Department of Emergency and Critical Care Medicine, Saitama Medical Center, Saitama Medical University, 1981 Kamoda, Kawagoe-shi, Saitama-ken, 350-8550, Japan.
BMC Surg. 2022 Jun 2;22(1):210. doi: 10.1186/s12893-022-01660-6.
Currently, damage control surgery (DCS) employing multiple-staged laparotomy (MSL) is a standard hemostatic approach for treating trauma patients with unstable hemodynamics attributable to massive hemoperitoneum. Based on these findings, we had frequently employed MSL as a part of our hemostatic strategy for the patients, but with unsatisfactory outcomes. On the other hand, with the establishment of damage control resuscitation (DCR), it has become possible to avoid trauma-induced coagulopathy and to achieve adequate hemostasis with single-staged laparotomy (SSL). Consequently, our institutional strategy for surgical hemostasis of the patients has gradually shifted from MSL to SSL with implementation of DCR. The purpose of the study is to evaluate the impact of this shift in the strategy by comparing outcomes of the patients between those underwent MSL and those underwent SSL employing propensity score matching.

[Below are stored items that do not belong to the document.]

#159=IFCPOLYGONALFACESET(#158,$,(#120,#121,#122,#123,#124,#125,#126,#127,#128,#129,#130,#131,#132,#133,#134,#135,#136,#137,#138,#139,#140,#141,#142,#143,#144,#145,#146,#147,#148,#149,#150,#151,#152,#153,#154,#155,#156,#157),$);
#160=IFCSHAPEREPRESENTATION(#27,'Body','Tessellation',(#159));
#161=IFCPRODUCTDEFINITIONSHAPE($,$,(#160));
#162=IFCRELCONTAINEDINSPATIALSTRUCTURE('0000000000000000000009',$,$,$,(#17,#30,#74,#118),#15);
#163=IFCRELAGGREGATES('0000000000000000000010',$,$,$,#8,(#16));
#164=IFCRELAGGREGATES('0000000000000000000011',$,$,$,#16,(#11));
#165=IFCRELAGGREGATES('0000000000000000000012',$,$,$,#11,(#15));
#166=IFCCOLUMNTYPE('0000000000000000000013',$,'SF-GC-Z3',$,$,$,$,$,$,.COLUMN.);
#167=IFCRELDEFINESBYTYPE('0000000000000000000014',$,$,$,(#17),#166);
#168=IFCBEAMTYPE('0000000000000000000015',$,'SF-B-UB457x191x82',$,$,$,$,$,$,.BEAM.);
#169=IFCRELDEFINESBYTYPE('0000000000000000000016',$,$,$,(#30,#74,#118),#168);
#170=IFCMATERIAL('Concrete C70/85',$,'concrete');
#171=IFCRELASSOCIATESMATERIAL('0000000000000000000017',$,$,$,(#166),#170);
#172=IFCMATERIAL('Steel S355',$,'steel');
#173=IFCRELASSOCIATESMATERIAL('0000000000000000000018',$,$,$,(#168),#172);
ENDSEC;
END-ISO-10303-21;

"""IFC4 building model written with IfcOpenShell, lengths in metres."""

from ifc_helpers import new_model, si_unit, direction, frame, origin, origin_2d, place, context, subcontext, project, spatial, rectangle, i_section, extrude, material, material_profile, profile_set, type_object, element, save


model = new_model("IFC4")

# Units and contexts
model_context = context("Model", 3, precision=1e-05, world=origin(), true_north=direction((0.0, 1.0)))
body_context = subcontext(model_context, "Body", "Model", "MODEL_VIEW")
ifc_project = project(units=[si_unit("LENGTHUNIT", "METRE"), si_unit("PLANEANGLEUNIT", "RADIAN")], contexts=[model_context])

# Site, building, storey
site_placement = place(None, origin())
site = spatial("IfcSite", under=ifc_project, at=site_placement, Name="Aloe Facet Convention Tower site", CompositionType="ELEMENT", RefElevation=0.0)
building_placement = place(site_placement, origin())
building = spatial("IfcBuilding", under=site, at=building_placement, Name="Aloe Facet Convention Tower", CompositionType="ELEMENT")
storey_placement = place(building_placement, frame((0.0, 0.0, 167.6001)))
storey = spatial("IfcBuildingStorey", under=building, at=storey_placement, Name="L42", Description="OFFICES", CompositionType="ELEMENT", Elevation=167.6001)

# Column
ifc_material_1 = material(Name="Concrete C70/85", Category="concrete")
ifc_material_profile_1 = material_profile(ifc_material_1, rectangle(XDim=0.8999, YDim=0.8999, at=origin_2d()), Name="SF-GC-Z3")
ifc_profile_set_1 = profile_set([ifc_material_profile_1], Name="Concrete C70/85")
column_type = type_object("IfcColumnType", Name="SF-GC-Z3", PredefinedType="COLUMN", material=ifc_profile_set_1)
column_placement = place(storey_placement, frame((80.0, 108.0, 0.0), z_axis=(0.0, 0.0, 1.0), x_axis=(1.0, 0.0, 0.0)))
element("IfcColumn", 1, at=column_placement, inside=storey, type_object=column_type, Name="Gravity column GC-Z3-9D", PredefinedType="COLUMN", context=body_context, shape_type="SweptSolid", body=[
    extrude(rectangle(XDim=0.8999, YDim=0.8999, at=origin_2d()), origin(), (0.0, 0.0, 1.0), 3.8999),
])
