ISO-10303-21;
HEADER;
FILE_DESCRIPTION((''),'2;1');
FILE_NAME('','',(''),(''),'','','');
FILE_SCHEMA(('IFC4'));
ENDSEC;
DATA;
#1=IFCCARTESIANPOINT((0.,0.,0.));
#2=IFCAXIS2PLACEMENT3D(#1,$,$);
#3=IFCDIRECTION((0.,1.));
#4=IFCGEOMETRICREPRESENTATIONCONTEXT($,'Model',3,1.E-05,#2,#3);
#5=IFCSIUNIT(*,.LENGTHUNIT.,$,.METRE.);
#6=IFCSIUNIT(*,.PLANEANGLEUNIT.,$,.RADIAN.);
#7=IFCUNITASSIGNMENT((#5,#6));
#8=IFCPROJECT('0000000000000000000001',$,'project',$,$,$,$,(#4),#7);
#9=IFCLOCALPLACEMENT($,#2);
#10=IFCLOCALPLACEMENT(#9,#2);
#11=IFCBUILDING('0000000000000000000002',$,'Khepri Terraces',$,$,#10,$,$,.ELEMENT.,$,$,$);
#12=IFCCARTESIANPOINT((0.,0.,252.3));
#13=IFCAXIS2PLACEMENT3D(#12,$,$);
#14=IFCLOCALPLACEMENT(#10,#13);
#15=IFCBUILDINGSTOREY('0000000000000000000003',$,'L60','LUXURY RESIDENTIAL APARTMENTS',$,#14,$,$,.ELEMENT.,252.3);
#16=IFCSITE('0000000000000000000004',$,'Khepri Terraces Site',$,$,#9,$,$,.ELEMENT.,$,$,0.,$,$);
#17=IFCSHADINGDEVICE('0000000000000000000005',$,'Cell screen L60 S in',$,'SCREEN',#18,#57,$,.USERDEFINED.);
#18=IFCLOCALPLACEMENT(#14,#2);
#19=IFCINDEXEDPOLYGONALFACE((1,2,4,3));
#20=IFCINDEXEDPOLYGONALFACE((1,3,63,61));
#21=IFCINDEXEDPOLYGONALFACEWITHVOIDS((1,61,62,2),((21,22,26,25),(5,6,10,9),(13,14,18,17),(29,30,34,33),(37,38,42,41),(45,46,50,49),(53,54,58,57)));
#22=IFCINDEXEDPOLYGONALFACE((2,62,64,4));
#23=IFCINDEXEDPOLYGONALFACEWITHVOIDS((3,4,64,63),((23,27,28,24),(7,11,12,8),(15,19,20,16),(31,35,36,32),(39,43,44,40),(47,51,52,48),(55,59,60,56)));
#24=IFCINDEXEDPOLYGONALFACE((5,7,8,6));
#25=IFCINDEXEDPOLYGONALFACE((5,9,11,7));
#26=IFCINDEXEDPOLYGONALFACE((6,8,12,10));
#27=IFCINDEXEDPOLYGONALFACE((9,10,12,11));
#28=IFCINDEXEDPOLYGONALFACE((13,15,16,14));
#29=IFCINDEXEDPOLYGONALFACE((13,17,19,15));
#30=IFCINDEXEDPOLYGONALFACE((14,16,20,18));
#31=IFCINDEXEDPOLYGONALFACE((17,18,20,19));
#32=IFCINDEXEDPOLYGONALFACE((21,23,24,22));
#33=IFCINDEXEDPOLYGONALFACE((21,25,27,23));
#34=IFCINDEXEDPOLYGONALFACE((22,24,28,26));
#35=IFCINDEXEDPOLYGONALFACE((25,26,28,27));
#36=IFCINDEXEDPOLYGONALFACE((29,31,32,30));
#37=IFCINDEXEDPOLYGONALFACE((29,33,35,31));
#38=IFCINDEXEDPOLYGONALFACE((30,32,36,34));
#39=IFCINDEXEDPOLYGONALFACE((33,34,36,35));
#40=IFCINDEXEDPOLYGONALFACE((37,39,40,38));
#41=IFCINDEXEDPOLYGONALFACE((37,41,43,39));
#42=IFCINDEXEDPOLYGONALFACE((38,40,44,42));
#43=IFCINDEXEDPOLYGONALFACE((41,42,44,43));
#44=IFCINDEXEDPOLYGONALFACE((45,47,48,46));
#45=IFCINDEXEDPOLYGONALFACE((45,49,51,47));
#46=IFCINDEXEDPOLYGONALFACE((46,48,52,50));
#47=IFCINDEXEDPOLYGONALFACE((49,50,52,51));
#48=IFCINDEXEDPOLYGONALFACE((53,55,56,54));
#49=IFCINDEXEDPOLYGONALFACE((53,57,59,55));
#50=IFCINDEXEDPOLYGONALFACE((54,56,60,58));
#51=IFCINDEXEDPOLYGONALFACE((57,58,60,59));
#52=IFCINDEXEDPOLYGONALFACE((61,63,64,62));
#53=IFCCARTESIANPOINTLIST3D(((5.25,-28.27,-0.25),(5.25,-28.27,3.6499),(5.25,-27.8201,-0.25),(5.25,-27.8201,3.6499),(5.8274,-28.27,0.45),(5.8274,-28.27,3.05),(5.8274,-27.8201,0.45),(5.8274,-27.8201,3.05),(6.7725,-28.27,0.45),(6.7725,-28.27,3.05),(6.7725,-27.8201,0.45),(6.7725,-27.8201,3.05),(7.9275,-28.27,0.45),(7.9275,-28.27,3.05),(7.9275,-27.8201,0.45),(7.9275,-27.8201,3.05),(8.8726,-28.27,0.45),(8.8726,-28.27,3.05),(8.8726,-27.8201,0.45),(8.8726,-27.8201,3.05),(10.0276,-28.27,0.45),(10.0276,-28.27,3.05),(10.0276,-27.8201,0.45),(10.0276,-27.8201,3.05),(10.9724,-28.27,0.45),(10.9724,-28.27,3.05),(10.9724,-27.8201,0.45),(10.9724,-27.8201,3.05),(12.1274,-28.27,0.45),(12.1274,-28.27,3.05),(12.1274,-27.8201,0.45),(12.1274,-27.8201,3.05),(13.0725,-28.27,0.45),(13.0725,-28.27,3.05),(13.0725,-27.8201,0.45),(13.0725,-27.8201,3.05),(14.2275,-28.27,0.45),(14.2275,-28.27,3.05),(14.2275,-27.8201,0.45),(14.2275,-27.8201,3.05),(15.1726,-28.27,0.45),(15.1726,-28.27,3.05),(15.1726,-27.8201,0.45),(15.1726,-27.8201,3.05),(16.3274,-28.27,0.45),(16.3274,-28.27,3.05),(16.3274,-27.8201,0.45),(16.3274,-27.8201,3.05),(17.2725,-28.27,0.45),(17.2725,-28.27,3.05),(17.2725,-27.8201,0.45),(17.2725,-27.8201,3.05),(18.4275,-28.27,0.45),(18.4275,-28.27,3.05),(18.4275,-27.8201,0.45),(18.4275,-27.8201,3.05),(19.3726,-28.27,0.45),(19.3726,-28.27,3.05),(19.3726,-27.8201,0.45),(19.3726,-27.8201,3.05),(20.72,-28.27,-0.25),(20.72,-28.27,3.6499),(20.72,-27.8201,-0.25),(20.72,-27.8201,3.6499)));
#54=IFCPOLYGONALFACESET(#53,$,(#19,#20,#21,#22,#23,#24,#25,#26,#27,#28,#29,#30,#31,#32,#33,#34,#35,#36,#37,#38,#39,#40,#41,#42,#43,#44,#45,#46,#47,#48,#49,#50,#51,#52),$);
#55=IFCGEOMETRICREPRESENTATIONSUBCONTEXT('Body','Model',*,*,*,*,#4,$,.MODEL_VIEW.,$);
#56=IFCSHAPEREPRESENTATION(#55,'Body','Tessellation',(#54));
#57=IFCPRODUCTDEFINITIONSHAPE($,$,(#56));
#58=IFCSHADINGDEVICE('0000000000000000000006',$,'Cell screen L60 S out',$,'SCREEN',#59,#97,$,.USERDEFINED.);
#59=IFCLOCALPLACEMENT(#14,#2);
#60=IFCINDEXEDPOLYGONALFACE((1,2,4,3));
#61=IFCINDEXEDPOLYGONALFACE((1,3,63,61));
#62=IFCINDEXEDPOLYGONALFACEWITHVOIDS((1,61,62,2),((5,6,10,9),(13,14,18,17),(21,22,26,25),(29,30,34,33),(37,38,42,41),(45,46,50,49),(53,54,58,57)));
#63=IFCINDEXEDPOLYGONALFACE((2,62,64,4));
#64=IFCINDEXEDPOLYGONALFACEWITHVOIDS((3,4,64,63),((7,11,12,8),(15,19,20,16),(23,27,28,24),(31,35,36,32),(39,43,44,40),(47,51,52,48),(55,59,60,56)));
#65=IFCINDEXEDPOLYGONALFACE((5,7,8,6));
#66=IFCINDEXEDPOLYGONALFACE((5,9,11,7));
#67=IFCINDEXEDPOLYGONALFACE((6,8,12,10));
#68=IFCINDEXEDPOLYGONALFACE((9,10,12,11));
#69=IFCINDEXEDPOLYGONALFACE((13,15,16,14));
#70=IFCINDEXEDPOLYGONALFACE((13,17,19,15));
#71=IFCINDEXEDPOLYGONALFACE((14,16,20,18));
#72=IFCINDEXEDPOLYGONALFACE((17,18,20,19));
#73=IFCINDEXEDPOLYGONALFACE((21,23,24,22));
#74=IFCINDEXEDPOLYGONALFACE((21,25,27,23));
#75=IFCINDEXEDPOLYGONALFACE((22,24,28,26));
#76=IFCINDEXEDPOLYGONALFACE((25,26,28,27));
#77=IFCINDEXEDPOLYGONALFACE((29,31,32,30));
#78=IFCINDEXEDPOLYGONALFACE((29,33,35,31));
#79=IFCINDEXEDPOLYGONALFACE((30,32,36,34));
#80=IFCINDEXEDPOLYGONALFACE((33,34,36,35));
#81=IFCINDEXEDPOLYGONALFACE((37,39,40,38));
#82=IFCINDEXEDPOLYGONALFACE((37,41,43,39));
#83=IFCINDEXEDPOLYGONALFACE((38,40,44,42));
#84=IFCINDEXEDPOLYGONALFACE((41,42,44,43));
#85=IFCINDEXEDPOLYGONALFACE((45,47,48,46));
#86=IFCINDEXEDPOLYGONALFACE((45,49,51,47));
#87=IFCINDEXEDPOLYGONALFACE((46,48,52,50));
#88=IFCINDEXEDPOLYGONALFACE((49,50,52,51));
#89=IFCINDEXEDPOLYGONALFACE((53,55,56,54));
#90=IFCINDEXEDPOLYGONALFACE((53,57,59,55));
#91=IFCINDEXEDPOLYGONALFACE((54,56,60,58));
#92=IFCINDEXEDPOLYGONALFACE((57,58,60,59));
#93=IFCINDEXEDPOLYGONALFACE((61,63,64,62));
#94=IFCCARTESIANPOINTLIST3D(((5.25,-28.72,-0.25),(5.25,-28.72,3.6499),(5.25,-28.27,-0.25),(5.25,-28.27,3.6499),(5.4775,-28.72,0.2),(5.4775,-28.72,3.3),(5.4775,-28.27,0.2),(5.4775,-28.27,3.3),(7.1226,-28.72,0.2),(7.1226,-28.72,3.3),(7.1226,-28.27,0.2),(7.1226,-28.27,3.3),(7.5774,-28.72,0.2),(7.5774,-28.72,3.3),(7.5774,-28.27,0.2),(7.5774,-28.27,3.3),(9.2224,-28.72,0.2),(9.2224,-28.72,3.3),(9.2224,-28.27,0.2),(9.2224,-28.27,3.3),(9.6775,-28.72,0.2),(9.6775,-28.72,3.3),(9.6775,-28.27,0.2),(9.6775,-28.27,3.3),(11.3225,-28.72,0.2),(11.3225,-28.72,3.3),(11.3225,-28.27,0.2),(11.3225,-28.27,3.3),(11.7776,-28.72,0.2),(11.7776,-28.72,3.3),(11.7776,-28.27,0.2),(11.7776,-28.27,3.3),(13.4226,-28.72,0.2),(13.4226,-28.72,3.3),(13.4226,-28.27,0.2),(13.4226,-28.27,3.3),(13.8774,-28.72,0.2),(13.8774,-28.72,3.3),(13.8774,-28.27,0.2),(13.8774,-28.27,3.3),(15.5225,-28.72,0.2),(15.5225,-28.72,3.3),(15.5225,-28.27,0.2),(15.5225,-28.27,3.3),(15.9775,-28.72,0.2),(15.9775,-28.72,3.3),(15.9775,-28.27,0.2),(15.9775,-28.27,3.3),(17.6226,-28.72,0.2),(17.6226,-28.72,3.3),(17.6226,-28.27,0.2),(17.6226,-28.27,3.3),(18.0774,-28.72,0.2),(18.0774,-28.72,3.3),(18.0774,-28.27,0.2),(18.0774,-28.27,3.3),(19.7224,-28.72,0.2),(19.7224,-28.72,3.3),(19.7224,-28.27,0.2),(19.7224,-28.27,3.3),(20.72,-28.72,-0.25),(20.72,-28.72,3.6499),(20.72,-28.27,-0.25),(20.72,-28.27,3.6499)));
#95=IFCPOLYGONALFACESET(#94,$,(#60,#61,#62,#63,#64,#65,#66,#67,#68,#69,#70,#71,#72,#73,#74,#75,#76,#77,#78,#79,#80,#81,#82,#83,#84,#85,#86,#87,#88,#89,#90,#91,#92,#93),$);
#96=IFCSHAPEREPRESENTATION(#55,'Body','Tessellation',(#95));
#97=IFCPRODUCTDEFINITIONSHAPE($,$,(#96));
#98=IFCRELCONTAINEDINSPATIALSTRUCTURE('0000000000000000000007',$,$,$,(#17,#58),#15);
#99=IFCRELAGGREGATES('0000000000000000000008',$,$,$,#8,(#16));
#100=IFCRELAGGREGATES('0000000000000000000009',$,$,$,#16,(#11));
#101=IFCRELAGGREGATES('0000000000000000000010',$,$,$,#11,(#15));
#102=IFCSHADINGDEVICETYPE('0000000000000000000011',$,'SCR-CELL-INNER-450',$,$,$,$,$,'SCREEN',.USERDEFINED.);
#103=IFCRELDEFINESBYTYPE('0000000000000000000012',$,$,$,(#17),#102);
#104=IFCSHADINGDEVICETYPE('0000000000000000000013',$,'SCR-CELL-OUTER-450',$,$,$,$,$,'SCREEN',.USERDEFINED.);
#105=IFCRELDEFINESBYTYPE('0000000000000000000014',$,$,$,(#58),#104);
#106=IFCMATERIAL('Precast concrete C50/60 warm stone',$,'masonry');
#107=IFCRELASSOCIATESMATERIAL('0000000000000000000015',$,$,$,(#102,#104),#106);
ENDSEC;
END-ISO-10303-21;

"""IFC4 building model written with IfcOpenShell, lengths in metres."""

from ifc_helpers import new_model, si_unit, direction, frame, origin, place, context, subcontext, project, spatial, polyline, outline, extrude, material, type_object, element, save


model = new_model("IFC4")

# Units and contexts
model_context = context("Model", 3, precision=1e-05, world=origin(), true_north=direction((0.0, 1.0)))
body_context = subcontext(model_context, "Body", "Model", "MODEL_VIEW")
ifc_project = project(units=[si_unit("LENGTHUNIT", "METRE"), si_unit("PLANEANGLEUNIT", "RADIAN")], contexts=[model_context])

# Site, building, storey
site_placement = place(None, origin())
site = spatial("IfcSite", under=ifc_project, at=site_placement, Name="Khepri Terraces Site", CompositionType="ELEMENT", RefElevation=0.0)
building_placement = place(site_placement, origin())
building = spatial("IfcBuilding", under=site, at=building_placement, Name="Khepri Terraces", CompositionType="ELEMENT")
storey_placement = place(building_placement, frame((0.0, 0.0, 252.3)))
storey = spatial("IfcBuildingStorey", under=building, at=storey_placement, Name="L60", Description="LUXURY RESIDENTIAL APARTMENTS", CompositionType="ELEMENT", Elevation=252.3)

# Shared definitions
ifc_material_1 = material(Name="Precast concrete C50/60 warm stone", Category="masonry")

This retrospective, single-center, observational study evaluated outcomes of hemodynamically unstable patients with traumatic massive hemoperitoneum requiring surgical intervention between 2005 and 2020. The patient population was divided into two groups: a SSL group and a MSL group. Propensity score matching was used to adjust for differences in baseline characteristics in the two groups, a one-to-one matched analysis using nearest-neighbor matching was performed based on the estimated propensity score of each group. The primary outcome was in-hospital mortality, and secondary outcomes were 48-h mortality and 28-day mortality.

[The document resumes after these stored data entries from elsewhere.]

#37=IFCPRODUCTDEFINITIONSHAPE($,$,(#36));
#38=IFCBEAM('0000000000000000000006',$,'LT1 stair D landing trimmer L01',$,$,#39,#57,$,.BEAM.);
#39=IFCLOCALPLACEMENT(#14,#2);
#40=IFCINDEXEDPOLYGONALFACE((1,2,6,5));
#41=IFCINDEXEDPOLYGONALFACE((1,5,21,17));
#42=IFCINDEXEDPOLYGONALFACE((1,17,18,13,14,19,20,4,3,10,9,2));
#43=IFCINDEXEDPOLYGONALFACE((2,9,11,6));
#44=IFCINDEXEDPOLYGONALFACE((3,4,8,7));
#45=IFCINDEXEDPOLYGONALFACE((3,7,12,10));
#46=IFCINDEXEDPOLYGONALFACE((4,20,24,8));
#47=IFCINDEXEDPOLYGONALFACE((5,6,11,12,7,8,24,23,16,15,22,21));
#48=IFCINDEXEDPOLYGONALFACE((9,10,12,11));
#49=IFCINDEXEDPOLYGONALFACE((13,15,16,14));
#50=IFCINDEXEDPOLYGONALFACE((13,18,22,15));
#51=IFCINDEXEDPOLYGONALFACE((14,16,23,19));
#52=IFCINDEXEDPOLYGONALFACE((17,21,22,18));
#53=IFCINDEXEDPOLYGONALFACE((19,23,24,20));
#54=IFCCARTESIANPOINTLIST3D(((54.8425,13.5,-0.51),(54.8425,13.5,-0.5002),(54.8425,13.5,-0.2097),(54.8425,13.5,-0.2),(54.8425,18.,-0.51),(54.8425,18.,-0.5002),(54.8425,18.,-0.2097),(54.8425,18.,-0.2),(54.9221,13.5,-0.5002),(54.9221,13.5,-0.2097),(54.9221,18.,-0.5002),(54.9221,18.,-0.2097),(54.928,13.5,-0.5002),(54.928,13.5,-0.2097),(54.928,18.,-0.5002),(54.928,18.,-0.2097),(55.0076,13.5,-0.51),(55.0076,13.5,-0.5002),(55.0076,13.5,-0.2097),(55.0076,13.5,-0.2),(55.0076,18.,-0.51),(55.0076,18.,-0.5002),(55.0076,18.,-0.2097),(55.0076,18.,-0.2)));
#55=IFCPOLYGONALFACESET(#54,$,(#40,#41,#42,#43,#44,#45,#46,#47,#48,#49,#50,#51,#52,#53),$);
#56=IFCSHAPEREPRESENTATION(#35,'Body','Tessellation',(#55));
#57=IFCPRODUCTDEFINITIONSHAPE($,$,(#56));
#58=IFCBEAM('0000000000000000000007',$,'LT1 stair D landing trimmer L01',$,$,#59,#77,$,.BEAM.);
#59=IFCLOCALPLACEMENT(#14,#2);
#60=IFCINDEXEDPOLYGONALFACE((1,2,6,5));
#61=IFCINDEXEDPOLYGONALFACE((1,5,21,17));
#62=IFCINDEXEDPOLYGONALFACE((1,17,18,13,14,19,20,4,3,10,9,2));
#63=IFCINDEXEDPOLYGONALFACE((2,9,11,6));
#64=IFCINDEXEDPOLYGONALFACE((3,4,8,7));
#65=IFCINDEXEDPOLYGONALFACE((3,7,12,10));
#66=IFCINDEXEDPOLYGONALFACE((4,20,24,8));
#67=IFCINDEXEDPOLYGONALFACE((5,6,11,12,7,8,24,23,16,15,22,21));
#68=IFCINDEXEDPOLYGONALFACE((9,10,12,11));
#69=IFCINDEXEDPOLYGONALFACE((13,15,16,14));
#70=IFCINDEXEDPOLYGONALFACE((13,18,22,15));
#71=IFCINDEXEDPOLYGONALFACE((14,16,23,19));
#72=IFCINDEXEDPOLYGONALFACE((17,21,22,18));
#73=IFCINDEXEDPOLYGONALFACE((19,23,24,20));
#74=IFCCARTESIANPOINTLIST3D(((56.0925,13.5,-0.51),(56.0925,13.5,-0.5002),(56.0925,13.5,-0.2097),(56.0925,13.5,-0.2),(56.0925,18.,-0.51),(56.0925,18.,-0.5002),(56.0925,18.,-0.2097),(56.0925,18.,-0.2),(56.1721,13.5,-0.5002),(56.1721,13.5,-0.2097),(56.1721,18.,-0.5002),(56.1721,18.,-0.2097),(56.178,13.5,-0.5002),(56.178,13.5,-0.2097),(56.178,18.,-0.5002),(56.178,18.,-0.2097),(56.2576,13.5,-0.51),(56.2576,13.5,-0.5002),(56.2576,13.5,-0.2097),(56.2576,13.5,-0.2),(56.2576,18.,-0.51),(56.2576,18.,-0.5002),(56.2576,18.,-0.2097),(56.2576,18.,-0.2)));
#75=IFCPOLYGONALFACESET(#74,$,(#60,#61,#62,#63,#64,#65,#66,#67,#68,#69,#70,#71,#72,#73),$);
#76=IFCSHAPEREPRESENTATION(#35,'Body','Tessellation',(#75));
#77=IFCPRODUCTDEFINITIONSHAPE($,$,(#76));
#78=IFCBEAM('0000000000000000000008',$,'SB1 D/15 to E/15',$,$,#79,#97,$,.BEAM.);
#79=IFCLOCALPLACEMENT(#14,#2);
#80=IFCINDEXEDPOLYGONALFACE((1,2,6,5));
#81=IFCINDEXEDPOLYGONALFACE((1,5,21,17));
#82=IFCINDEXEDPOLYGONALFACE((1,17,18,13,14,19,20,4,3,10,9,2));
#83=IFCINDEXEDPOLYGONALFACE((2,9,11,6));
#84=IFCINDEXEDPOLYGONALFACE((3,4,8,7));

A total of 170 patients met the inclusion criteria; 141 patients underwent SSL, and 29 underwent MSL. In the propensity-matched analysis with 27 pairs, the SSL group had significantly lower in-hospital mortality (odds ratio [OR] 0.154; 95% confidence interval (CI) 0.035 to 0.682) and 28-day mortality (OR 0.200; 95% CI 0.044 to 0.913) than the MSL group, but the 48-h mortality did not differ significantly between the two groups (25.9% vs. 44.4%; OR 0.375; 95% CI 0.099-1.414).
Single-staged laparotomy may be an effective surgical treatment for the traumatic massive hemoperitoneum cases with hemodynamic instability, if conducted following sufficient damage control resuscitation and performed by an experienced surgeon.
目前,采用多阶段剖腹术(MSL)的损伤控制性手术(DCS)是治疗因大量血腹导致血流动力学不稳定的创伤患者的标准止血方法。基于这些发现,我们经常将 MSL 作为我们止血策略的一部分,但结果并不令人满意。另一方面,随着损伤控制性复苏(DCR)的建立,有可能避免创伤引起的凝血障碍,并通过单阶段剖腹术(SSL)实现充分止血。因此,随着 DCR 的实施,我们机构对患者手术止血的策略逐渐从 MSL 转向 SSL。本研究的目的是通过比较接受 MSL 和 SSL 的患者的结局,评估这种策略转变的影响,采用倾向评分匹配。
这是一项回顾性、单中心、观察性研究,评估了 2005 年至 2020 年间需要手术干预的血流动力学不稳定、创伤性大量血腹患者的结局。将患者分为两组:SSL 组和 MSL 组。采用倾向评分匹配调整两组间基线特征的差异,根据每组的估计倾向评分进行一对一匹配分析。主要结局是院内死亡率,次要结局是 48 小时死亡率和 28 天死亡率。
共有 170 名患者符合纳入标准;141 名患者接受了 SSL,29 名患者接受了 MSL。在 27 对的倾向评分匹配分析中,SSL 组的院内死亡率(优势比 [OR] 0.154;95%置信区间 [CI] 0.035 至 0.682)和 28 天死亡率(OR 0.200;95%CI 0.044 至 0.913)明显低于 MSL 组,但两组的 48 小时死亡率无明显差异(25.9%比 44.4%;OR 0.375;95%CI 0.099 至 1.414)。
如果在充分的损伤控制性复苏后进行,并由经验丰富的外科医生进行,单阶段剖腹术可能是治疗血流动力学不稳定的创伤性大量血腹的有效手术治疗方法。